Over the years some of us have been questioning the strategy of floating sovereign bonds that come with higher interest costs. I have been pointing out that it was the Rajapaksa regime claiming to be the guardians of sovereignty that first started selling sovereign bonds in 2007. The Sirisena-Wickremasinghe Government continued that trajectory, and all along the economic establishment cheered the successive governments to float more of these sovereign bonds. This pro-West establishment continued to harp about a Chinese debt trap, even though the share of external debt to China was only 10%. Whereas the high interest sovereign bond debt was 40% of total external debt.  


The problem with sovereign debt is that it is owed to global financial markets, which is to say, powerful financial institutions such as mutual funds and investment banks. There is little room to negotiate, as it is not owed to any single actor. Furthermore, the interest rates of sovereign debt including to roll over such debt are influenced by the ratings of international rating agencies who are in collusion with these global financiers.
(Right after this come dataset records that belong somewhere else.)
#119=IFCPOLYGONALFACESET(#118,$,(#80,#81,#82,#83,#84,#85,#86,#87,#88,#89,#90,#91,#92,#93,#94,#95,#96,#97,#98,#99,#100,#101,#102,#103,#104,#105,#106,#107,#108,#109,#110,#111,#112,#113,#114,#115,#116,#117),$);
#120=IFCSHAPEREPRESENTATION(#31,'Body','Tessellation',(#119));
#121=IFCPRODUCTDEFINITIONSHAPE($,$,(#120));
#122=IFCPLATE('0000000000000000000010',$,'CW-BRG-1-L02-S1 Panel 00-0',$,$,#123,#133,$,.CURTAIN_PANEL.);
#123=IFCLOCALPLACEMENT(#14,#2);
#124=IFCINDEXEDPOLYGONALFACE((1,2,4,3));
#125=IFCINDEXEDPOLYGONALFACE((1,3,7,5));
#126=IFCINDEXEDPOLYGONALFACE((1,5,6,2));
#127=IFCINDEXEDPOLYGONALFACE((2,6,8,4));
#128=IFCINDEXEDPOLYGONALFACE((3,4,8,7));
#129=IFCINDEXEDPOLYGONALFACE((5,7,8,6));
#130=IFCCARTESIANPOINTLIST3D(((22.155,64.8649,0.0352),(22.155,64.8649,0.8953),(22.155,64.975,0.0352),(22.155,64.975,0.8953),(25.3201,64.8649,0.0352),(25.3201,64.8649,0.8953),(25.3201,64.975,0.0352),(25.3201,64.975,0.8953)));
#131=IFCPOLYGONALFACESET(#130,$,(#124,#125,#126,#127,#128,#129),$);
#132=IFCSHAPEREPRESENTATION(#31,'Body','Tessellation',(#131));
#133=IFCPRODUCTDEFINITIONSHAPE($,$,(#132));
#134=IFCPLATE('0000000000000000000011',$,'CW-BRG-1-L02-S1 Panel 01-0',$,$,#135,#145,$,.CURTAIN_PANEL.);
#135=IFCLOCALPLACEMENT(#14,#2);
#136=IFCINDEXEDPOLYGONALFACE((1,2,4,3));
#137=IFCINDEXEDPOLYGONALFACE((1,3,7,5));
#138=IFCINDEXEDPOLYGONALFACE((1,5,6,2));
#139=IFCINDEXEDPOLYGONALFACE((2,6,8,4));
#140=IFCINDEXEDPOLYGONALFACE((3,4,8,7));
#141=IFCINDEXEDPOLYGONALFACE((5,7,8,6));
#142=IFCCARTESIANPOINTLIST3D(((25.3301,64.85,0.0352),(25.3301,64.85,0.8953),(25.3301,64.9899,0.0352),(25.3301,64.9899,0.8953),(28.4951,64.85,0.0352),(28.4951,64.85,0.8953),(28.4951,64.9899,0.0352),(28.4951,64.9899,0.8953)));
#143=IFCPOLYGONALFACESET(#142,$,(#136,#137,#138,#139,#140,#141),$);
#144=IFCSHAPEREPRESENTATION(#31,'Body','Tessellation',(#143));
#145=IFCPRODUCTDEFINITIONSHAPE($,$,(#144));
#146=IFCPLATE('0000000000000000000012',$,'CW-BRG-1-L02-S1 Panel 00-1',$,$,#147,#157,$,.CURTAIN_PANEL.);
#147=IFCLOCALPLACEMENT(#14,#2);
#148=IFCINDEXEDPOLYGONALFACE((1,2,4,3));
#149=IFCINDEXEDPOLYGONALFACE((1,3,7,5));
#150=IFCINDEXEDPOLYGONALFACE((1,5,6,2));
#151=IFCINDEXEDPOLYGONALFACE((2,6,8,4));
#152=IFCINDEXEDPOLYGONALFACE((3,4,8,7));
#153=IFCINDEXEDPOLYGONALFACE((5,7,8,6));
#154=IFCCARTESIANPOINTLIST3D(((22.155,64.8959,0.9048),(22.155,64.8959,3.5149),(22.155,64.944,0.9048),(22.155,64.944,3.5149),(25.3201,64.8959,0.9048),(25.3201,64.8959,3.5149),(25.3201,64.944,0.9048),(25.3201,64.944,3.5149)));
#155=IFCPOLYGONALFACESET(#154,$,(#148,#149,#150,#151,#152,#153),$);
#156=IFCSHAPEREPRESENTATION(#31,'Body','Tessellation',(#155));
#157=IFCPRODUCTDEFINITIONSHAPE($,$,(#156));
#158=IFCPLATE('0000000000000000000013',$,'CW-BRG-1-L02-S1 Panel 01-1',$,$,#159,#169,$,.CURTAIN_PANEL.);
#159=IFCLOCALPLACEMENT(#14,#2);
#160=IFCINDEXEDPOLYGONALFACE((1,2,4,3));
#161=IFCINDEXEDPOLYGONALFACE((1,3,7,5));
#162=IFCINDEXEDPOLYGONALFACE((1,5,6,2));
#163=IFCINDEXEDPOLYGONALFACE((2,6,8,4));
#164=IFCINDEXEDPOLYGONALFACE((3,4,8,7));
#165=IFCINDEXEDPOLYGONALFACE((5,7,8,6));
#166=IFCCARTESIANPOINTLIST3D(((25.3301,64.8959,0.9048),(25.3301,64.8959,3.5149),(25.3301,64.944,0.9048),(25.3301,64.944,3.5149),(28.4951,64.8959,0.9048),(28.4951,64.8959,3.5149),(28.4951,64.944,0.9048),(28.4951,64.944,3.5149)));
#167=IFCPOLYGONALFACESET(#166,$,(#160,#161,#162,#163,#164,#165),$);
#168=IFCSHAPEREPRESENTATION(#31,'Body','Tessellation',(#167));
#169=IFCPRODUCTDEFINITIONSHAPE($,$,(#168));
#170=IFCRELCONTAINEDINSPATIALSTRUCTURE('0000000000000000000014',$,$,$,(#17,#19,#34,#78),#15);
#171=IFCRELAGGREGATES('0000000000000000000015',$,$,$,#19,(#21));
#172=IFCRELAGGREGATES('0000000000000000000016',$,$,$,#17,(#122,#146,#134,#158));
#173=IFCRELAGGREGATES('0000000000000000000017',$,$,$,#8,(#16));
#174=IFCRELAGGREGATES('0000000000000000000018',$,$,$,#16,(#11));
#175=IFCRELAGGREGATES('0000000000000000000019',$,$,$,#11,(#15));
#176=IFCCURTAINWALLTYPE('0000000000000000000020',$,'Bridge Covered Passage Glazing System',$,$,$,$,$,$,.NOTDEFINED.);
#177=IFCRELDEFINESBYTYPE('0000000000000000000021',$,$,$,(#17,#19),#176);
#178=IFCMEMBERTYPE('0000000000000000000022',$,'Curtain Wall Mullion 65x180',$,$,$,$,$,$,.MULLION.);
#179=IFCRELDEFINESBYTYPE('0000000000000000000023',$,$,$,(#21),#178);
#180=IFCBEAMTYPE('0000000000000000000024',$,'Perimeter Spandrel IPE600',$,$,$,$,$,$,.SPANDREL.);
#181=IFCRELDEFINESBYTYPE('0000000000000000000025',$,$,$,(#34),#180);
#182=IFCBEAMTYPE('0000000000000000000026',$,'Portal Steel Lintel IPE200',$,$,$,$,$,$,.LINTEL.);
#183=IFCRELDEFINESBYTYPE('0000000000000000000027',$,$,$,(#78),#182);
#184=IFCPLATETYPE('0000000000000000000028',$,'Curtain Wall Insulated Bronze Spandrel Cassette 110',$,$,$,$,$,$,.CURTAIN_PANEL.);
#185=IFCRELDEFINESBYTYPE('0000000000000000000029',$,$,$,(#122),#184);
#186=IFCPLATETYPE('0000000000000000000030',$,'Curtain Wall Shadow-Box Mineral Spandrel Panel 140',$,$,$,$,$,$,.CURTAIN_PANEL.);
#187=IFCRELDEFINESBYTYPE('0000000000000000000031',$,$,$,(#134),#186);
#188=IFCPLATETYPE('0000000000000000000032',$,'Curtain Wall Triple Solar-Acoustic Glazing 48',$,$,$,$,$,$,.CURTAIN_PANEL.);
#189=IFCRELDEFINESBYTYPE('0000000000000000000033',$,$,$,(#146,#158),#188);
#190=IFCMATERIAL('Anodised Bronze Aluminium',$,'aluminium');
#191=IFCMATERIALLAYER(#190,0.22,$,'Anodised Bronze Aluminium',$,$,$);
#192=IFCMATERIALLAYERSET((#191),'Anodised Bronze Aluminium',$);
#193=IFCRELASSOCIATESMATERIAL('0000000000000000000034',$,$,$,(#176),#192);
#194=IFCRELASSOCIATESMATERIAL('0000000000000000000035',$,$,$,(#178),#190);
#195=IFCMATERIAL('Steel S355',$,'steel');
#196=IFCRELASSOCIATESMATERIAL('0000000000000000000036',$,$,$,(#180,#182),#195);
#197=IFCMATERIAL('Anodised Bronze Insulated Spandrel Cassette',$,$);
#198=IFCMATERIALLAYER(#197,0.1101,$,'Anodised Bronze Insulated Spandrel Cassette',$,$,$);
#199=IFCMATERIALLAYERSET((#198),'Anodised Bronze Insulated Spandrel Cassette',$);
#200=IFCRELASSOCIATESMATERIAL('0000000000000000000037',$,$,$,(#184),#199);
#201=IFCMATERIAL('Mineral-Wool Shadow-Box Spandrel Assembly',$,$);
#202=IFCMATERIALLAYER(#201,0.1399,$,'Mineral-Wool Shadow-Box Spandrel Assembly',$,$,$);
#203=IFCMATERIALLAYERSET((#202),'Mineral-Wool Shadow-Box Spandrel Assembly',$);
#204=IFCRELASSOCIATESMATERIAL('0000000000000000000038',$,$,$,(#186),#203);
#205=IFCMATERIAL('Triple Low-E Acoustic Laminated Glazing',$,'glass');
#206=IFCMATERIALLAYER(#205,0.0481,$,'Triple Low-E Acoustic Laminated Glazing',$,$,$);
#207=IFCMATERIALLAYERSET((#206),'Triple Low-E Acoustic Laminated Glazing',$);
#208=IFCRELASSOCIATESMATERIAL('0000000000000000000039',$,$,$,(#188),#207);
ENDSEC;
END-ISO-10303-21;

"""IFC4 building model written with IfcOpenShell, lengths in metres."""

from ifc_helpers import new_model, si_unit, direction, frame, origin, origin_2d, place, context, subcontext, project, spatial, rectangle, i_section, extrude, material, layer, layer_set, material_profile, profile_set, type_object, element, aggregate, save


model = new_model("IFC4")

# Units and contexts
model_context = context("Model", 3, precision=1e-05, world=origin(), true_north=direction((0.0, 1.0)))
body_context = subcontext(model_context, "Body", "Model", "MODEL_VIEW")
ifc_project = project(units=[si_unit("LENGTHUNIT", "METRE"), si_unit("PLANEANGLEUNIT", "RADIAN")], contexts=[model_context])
  ''The Government has to take responsibility for its disastrous policies.  First, it has undermined the local production of food through the sudden  restrictions on fertilizer imports during a crucial period last year.  Second, it has not been prudent to address the bloating import bill  characterized by non-essential goods''

The chorus of actors now calling for Sri Lanka to reach an IMF agreement – even if that means austerity, cuts to welfare and privatization of public services – believe, it will lead to better ratings and allow for more borrowing to roll over its debt. I argue this strategy is not just undesirable given the longer-term social suffering, but also unfeasible even in the shorter term to roll over debt given the depth of the Sri Lanka’s crisis and current global conditions. The US Federal Reserve is on the path of raising interest rates and the interest rate spreads for Sri Lanka, even with an IMF agreement, will be too high for capital market loans in the near term.  


What of those maverick economists in Sri Lanka calling for default on sovereign bonds? The rise of neo-liberal think tanks such as Verite and Advocata in Colombo signify not just a turn towards free market policies but also a shift away from analyzing agriculture and food which research centres focused on four decades ago. And the discourse of these think tanks are being amplified by other actors perhaps ignorant of economic dynamics, including the statement most recently by Parliamentarian M. A. Sumanthiran. Default could mean the unravelling of Sri Lanka’s international contracts and access to external resources leading to even greater shocks to the economy. This brinkmanship demand seeks to push Sri Lanka through the most painful scenarios of austerity, cuts to social welfare and a fire sale of its assets with privatization before or after default, and to be overseen by the IMF.  


The duplicity of these maverick economists, and for that matter the emptiness of the broader neoliberal economic establishment, should be challenged by asking, why did they promote global financial markets including the floating of sovereign bonds in the first place? And are they willing at least now to commit publicly towards charting a path of banning our governments from floating sovereign bonds in the future?